I’ve been ruminating for a while on hacking this infrastructure to allow creative collaboration on materials other than code. What would it look like if the end product of a project weren’t a program or a web app but a book or a movie? How could you get people working on books and movies in the same way as people work on open-source software? And if you couldn’t, I mean if it just wouldn’t work, then why would that be? What is so different about the movie or book product that makes it incompatible with the git/github environment? Are there better environments, ie more suitable to traditional writing or film-making? Or is there a new kind of book/movie/story/whatever that is enabled by this sort of collaborative environment? Who else has done anything about this already? And my standard question at the start of all projects “Why is what I’m suggesting dangerously wrong and how are you going to stop me?”

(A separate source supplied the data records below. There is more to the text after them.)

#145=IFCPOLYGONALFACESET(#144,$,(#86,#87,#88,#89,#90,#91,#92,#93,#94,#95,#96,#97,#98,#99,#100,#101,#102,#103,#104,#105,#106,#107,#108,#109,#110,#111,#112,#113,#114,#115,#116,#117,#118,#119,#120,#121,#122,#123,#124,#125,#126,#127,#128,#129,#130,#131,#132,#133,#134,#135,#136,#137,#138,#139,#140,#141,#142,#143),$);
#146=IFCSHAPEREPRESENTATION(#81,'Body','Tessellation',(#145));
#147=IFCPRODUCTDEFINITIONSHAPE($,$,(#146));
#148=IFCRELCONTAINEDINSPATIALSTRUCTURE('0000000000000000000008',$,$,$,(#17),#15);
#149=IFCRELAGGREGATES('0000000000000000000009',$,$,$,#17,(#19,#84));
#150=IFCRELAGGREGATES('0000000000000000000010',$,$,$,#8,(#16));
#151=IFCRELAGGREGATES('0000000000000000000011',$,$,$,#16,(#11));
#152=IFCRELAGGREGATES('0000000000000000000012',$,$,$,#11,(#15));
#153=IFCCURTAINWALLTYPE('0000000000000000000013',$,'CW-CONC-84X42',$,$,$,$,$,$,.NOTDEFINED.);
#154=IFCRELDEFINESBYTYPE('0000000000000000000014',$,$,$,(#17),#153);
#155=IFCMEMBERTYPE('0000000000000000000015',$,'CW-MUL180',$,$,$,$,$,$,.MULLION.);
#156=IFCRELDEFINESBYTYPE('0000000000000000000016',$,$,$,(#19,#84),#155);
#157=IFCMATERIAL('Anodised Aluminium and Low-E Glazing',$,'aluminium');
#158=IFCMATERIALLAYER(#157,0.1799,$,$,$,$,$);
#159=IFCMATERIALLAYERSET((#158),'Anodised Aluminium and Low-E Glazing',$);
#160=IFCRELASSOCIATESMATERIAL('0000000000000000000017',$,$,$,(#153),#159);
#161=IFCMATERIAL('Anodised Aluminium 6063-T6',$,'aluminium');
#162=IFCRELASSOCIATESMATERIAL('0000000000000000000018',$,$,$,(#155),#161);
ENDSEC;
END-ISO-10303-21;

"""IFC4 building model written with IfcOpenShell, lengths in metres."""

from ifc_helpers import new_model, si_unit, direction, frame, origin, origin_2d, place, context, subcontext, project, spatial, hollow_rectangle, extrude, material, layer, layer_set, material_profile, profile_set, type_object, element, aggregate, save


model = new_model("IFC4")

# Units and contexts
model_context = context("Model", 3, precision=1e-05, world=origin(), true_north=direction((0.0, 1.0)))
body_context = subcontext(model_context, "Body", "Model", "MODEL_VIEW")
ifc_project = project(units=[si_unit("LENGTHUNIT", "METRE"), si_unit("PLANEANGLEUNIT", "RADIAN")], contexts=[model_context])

I’ve started working on a few projects to open these questions up. Two of them are my travels across the USA – Tuttle2Texas took place in March 2010 and consisted of a few Tuttlers travelling by rail from Boston to Austin and I then went on to Los Angeles. Please Look After This Englishman (PLATE) happened a year later and was me travelling through my online social network without much of a plan except to arrive in San Francisco on March 1st and leave from NYC on March 30th. Both projects were heavily blogged and tweeted, there are photos galore on Flickr and some bits of video that I shot. I wrote a summary of the first trip in daily instalments (I’ve had a go at doing it here too, but it doesn’t inspire me so much) and I made a one-man show out of the second trip and an e-book out of the blog. I probably have notes and artefacts from both trips hanging around in archive boxes or plastic bags in someone’s garage or something. I’m also starting a new project – Wood Lane with a series of video clips and some writing. This differs from the others in that it’s been conceived from the start as something that would live and evolve on github from the start.

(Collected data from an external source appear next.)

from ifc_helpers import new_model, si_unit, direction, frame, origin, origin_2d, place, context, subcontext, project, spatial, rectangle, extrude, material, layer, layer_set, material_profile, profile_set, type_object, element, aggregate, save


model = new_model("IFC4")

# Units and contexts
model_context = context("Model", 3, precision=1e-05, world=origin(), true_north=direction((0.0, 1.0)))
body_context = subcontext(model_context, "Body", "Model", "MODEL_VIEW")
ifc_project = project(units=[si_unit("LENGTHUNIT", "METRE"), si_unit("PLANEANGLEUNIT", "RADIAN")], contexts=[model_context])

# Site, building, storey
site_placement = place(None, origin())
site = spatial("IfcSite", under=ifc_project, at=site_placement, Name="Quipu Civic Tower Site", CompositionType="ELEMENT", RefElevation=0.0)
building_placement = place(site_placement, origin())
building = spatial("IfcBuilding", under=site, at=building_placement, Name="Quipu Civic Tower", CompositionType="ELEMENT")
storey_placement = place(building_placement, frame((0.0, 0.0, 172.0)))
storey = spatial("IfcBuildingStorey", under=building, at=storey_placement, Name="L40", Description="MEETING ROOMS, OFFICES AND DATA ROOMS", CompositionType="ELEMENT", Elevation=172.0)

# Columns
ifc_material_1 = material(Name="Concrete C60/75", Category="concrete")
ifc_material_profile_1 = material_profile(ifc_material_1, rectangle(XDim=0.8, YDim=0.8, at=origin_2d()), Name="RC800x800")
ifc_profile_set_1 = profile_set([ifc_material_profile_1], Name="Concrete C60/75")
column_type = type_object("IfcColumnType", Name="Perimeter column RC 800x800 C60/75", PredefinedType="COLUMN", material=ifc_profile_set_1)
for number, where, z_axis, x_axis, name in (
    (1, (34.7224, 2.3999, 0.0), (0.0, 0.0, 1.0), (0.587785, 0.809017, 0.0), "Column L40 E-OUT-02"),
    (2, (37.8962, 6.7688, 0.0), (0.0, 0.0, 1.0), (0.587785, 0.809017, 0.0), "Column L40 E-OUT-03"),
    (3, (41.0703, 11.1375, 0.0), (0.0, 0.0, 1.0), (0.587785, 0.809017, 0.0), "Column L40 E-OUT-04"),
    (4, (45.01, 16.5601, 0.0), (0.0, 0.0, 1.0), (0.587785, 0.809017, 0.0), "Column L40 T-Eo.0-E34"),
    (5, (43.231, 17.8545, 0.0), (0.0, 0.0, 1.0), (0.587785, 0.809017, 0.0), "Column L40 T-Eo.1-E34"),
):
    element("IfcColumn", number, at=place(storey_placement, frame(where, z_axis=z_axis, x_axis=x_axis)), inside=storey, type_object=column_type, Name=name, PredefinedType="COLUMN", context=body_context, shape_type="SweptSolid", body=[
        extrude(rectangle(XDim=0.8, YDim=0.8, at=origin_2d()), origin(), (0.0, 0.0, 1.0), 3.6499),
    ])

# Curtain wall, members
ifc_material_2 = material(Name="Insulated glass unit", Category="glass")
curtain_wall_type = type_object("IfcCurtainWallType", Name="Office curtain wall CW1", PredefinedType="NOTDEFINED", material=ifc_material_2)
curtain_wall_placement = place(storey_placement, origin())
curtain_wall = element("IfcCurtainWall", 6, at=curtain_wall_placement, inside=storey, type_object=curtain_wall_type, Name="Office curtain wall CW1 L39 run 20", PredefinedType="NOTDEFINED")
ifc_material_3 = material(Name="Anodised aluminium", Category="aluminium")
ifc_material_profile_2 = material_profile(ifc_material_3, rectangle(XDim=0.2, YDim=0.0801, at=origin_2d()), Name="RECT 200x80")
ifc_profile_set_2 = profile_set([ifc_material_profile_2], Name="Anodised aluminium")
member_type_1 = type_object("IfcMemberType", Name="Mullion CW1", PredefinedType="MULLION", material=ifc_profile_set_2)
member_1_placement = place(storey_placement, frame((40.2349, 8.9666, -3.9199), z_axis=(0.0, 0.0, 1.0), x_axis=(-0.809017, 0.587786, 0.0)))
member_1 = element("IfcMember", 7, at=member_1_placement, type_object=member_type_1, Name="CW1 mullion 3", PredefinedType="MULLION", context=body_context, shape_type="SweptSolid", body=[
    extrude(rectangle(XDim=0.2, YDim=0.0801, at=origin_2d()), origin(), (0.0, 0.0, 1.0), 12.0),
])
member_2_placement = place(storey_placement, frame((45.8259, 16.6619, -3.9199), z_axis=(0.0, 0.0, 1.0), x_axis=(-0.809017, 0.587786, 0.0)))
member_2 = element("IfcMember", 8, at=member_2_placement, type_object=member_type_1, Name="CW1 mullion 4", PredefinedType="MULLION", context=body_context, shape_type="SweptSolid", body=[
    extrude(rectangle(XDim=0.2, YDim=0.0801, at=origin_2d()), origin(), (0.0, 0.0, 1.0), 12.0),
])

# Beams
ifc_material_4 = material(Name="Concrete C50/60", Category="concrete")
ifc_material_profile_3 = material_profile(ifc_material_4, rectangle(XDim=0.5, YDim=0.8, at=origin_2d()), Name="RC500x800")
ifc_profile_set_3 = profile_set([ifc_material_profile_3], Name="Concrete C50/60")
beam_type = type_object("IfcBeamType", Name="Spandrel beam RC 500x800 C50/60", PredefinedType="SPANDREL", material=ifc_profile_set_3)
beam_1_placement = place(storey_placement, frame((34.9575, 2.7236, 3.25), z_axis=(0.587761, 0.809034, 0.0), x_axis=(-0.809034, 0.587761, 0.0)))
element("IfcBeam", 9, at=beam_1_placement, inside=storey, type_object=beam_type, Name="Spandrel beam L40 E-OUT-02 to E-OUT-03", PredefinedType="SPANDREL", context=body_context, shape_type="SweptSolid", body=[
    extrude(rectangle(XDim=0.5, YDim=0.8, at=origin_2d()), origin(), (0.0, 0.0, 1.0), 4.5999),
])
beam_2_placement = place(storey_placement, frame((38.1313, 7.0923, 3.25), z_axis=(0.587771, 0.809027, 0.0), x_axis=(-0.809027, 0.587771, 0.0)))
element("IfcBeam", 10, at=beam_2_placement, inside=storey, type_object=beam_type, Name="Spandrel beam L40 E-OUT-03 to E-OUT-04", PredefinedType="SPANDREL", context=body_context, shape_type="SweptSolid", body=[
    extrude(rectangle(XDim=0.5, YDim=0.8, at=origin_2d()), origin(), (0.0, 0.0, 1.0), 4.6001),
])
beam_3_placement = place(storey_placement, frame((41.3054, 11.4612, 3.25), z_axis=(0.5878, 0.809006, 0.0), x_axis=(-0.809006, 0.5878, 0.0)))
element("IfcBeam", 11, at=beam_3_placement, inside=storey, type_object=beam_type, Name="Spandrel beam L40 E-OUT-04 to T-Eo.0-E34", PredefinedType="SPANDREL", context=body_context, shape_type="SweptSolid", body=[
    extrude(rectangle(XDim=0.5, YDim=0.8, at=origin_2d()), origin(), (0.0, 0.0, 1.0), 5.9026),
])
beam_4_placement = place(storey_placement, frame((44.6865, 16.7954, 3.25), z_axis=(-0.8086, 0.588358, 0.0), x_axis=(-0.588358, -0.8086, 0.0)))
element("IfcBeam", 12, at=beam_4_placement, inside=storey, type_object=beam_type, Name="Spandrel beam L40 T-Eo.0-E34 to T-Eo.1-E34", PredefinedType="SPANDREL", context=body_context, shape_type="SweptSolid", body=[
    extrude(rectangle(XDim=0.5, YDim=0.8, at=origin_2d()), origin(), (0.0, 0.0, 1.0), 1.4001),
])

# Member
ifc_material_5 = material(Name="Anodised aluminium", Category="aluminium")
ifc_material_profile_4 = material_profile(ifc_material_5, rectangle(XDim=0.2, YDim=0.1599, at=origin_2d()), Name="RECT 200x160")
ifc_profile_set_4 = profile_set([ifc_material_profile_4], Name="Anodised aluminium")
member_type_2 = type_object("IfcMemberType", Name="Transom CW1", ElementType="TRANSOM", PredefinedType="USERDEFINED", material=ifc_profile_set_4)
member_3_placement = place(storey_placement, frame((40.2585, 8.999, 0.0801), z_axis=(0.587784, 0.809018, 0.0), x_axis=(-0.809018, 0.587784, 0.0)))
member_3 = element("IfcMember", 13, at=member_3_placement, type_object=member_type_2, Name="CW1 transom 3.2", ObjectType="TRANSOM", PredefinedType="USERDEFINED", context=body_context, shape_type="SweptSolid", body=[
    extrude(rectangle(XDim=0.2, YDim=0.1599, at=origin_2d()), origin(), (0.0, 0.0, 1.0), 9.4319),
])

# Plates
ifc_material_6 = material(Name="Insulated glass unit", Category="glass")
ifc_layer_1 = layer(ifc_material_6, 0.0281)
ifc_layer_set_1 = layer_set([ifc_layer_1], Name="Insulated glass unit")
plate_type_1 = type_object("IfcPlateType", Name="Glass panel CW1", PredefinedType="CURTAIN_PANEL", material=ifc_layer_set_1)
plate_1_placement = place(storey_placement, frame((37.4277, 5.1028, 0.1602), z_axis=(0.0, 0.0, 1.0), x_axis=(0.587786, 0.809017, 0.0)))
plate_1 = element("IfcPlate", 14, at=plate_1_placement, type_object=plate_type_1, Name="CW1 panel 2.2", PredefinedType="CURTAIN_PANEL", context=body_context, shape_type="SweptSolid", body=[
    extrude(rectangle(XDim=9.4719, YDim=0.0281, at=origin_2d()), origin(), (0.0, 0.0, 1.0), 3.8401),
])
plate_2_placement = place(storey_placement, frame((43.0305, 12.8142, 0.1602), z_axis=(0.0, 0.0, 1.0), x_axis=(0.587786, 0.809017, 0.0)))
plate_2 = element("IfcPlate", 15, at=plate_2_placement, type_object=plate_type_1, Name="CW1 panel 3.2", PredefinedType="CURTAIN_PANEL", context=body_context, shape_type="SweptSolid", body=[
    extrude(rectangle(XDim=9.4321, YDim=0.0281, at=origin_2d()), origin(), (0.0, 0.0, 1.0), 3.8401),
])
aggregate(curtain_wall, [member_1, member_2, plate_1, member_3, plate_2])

I’m looking at what products I might make out of the material. You might look at that too – what could you do yourself or how could you help shape what I’m doing? People like products, packages, ways of bundling things together in ways that make them look like other things. But you might have an idea for something else.

These are the aspects of github that I think could be useful to us as potential collaborators (there may be more):

Issues

This, for me, is the place to discuss what’s wrong with the products so far. Anyone can raise an issue and anyone can act on them. You’ll see that on the PLATE repo I’ve raised a few issues as “enhancements” ie suggestions for the next version. Other issue labels are “bug”, “question” and “help wanted” I’d love you to raise issues.

Pull Requests

What does this mean in the context of a non-code-based project? I think it means you’ve come up with something that you think should be integrated into the core project. A pull request gives us an opportunity to discuss that and decide whether that’s something I want to do as the core artist or whether you should fork and create your own.

Fork

A fork might come up because we decide to as a result of a pull request, but you might also just want to use my material as a jumping off point for your own version. Or to incorporate some of the material into another project. I’d see that as a fork – it’s a way of keeping track of what derivative works there may be.

Wiki

I wrote a home wiki page for PLATE and then forgot about it! I suppose wiki pages could be anything – profiles of contributors, ideas for new ways of interpreting the material, just a collaborative writing space that’s directly linked to the code and the rest of the project, a project blog – all of these, you’re welcome to try new stuff!

Dive in and get involved

Don’t let ignorance of git or github (or of anything really) stand in your way. If you’re interested we can overcome all that. Let’s see if we can create something interesting together.

So yeah, if you have any questions, do comment here (wherever you find this), but I’d rather you dived in and made a wiki page or raised an issue on the appropriate repository!